Препарат-мазок и препарат-отпечаток фиксируют в смеси Никифорова, окрашивают по Романовскому-Гимза в течение 25-30 минут (краску разводят перед употреблением из расчета 3 капли краски на I мл воды).

Для определения завершенности фагоцитоза в препарате-отпечатке подсчитывают 50 нейтрофилов и определяют процентное соотношение дезинтегрированных (разрушенных) и жизнеспособных клеток среди фагоцитированных микробов в лейкоците.

Погибшие бактерии при этом окрашены в розовый цвет или синий и находятся в разной стадии разрушения. Жизнеспособные клетки-более крупные и окрашены в интенсивно синий цвет.

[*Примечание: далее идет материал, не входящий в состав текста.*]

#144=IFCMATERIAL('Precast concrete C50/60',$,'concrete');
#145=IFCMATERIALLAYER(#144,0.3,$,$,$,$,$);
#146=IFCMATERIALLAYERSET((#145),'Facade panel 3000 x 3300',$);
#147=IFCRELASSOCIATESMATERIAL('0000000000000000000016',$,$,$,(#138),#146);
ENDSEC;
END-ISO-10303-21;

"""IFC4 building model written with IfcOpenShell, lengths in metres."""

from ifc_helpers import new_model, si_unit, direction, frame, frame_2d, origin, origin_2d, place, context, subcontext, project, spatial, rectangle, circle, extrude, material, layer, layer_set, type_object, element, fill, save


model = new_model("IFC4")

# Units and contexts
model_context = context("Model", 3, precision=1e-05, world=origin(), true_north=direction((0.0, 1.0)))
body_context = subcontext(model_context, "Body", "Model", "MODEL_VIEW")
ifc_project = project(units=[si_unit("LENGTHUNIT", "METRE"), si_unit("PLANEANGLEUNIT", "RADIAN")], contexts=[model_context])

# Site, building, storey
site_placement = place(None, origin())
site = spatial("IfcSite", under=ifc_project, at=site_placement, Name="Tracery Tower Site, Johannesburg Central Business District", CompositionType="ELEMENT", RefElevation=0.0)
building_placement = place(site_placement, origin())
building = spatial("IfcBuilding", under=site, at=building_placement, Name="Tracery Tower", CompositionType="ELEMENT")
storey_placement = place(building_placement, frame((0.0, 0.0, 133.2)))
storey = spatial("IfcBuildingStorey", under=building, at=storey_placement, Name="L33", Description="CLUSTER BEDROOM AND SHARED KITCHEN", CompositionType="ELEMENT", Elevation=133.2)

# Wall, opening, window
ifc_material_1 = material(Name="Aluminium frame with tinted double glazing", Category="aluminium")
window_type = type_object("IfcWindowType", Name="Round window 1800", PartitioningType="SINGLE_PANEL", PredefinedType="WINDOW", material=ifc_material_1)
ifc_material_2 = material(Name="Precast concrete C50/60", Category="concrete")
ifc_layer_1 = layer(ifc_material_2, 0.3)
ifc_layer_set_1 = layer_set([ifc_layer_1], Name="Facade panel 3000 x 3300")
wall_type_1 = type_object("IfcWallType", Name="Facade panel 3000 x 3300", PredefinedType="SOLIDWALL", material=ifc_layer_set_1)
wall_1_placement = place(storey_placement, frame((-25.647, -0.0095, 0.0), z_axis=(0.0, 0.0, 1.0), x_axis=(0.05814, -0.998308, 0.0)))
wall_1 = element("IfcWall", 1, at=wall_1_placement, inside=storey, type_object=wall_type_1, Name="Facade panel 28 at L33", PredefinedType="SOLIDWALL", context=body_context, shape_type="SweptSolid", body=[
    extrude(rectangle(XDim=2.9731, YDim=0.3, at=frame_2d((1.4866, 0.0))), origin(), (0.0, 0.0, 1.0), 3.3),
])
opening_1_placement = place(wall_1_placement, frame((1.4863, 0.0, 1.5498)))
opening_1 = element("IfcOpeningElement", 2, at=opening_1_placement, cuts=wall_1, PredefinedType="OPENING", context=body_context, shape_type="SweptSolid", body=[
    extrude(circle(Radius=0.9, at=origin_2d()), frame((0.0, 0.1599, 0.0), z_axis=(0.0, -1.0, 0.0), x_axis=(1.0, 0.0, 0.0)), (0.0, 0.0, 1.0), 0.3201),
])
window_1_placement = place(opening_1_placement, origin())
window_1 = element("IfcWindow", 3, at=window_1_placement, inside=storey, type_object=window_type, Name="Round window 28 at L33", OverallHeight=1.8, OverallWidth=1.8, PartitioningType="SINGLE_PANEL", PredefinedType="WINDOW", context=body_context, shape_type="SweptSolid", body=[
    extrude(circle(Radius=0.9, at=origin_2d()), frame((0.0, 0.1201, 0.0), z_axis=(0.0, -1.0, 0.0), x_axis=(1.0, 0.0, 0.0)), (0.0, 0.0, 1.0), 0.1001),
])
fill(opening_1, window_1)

§5. а)Прямой иммунофлуоресцентный метод.

Приготовить на предметном стекле из исследуемой культуры бактерий тонкий мазок (в густом мазке не удается отметить свечение отдельных клеток). Границы мазка отметить с тыльной стороны восковым карандашом. Подсушить препарат на воздухе и погрузить его в стакан­чик с 96° этиловым спиртом для фиксирования на 15 минут, а затем вновь подсушить на воздухе. После этого нанести на мазок каплю люминесцирующей сыворотки в рабочем разведении. (Рабочее разведение сухих люминесцирующих сывороток указано на этикетке ампулы). Препарат обрабатывается сывороткой в течение 15-20 минут при комнатной температуре. По окончании окраски каплю сыворотки стряхивают, а препарат промывают в течение 10 минут проточной водопроводной во­дой, затем подсушивают на воздухе и наносят на него каплю разведенного глицерина (9 частей глицерина +1 часть физиологического раст­вора). Накрывают препарат покровным стеклом, избыток жидкости уда­ляют фильтровальной бумагой.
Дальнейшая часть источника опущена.